# Running V-pipe

## Local deployment

## Cluster deployment

With snakemake it is possible to submit jobs on a cluster using the batch submission command-line interface of your cluster.

The opensource platform SLURM by SchedMD is one of the popular systems you might find on clusters (Others include LSF, Grid Engine).

The most user friendly way to submit jobs to the cluster is using a special _snakemake profile_.
[smk-simple-slurm](https://github.com/jdblischak/smk-simple-slurm) is a profile that works well in our experience with SLURM (for other platforms see suggestions in [the snakemake-profil documentation](https://github.com/snakemake-profiles/doc)).

```bash
cd vp-analysis/
# download the profile
git clone https://github.com/jdblischak/smk-simple-slurm.git
# edit simple/config.yaml and either comment out the partition and qos or adapt to your local HPC
cat > smk-simple-slurm/simple/config.yaml <<EOT
cluster:
  mkdir -p logs/{rule} &&
  sbatch
    --cpus-per-task={threads}
    --mem={resources.mem_mb}
    --job-name=smk-{rule}-{wildcards}
    --output=logs/{rule}/{rule}-{wildcards}-%j.out
  #--partition={resources.partition}
  #--qos={resources.qos}
default-resources:
  #- partition=<name-of-default-partition>
  #- qos=<name-of-quality-of-service>
  - mem_mb=1000
restart-times: 3
max-jobs-per-second: 10
max-status-checks-per-second: 1
local-cores: 1
latency-wait: 60
jobs: 500
keep-going: True
rerun-incomplete: True
printshellcmds: True
scheduler: greedy
use-conda: True
EOT
cd work_sarscov2/
./vpipe --dry-run --profile ../smk-simple-slurm/simple/ --jobs 100
cd ../..
```

Snakemakes documentation [introduces the key concepts used in profile](https://snakemake.readthedocs.io/en/stable/executing/cli.html#profiles).
Check also [the other options for running snakemake on clusters](https://snakemake.readthedocs.io/en/stable/executing/cli.html#CLUSTER) if you need more advanced uses.
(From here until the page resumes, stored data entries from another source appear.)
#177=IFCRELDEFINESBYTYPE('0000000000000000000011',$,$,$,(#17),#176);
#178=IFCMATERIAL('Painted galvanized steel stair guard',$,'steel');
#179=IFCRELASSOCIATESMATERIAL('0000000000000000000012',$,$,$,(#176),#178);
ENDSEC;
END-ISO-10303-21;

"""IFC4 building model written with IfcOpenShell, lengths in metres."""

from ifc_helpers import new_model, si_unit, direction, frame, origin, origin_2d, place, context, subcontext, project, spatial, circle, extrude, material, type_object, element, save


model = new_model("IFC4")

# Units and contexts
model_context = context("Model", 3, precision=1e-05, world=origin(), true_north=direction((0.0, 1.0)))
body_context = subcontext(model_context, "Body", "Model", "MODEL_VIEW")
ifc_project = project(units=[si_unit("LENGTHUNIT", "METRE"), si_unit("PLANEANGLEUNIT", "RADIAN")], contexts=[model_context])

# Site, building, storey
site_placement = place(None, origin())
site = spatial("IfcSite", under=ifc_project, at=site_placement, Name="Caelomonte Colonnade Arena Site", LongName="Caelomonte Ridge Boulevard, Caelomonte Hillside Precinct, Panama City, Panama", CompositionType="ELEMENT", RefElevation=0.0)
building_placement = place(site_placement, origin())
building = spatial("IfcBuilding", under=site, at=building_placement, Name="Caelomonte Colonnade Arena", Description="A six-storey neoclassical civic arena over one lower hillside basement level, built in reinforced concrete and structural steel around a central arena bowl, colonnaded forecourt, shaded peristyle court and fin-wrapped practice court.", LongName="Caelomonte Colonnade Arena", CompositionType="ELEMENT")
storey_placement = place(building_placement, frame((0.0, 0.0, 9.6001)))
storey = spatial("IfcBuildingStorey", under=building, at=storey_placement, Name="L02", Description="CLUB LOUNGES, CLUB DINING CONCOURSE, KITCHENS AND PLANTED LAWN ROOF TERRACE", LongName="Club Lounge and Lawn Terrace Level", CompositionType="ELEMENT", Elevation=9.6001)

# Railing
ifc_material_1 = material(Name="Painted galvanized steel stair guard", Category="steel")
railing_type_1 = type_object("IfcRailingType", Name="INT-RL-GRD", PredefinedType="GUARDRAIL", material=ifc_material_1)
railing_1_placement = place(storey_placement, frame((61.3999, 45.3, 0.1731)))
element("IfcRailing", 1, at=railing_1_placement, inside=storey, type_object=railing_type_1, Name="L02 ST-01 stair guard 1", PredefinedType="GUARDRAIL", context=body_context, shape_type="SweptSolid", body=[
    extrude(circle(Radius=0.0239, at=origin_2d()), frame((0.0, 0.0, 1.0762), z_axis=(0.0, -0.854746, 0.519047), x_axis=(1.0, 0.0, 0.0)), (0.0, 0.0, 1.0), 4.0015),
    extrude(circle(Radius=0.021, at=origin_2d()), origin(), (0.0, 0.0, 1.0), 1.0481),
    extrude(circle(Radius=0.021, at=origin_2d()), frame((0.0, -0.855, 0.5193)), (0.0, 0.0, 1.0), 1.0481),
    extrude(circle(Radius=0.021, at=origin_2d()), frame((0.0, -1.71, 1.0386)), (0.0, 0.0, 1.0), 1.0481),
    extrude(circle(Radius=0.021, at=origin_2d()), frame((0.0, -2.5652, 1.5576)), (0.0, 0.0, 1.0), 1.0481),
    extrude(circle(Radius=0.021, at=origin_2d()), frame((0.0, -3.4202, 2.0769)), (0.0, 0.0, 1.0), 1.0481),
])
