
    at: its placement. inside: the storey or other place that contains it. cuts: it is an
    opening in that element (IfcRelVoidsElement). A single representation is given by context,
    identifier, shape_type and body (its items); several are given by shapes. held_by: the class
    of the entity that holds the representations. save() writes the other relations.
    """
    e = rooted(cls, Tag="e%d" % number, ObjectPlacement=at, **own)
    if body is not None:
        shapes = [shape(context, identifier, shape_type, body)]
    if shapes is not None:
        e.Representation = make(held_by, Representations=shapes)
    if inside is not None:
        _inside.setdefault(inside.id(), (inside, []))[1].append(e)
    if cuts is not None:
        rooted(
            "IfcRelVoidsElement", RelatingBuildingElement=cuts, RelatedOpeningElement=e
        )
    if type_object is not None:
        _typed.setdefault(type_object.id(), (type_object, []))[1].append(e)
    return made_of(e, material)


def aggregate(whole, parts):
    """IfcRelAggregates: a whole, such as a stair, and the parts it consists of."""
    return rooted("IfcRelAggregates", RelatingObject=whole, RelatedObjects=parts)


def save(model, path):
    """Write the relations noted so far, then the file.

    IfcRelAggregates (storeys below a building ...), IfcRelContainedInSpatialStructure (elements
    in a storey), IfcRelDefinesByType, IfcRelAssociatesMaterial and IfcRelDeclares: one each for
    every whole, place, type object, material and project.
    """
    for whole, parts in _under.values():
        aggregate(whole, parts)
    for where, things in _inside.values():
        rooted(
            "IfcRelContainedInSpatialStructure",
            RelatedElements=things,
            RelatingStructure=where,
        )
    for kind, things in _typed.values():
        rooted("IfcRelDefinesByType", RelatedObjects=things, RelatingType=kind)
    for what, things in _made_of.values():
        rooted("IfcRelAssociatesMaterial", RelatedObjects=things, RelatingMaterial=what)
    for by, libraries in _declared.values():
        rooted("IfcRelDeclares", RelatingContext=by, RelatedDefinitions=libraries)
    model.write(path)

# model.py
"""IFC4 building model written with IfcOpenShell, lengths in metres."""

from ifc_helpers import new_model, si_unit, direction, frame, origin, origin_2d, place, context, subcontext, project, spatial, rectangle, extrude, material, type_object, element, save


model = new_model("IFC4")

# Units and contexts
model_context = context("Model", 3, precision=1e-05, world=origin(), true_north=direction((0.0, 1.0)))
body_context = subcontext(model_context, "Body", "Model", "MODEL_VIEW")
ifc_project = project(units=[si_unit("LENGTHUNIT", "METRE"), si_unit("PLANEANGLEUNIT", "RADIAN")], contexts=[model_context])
### Dependencies downloading on the cluster

In addition, Snakemake has [parameters for conda](https://snakemake.readthedocs.io/en/stable/executing/cli.html#CONDA) that can help management of dependencies:

- using `-conda-create-envs-only` enables to download the dependencies only without running the pipeline itself. This is very useful if the compute nodes of your cluster are not allowed internet access.
- using `--conda-prefix=`_{DIR}_ stores the conda environments of dependencies in a common directory (thus possible to share and re-use between multiple instances of V-pipe).

```bash
cd  vp-analysis/work_sarscov2/
# First download all bioconda dependencies ahead of time
./vpipe --conda-prefix ../snake-envs --cores 1 --conda-create-envs-only
# And then run on the cluster, the compute node will not need to download anything
./vpipe --dry-run --conda-prefix ../snake-envs --profile ../smk-simple-slurm/simple/ --jobs 100
cd ../..
```

When using V-pipe in production environments, plan the installer's `-p` prefix and `-w` working and snakemake's `--conda-prefix` environments directories according to the cluster quotas and time limits.
For example, consider using `${SCRATCH}` and only move the content of the `results/` directory to long-term storage.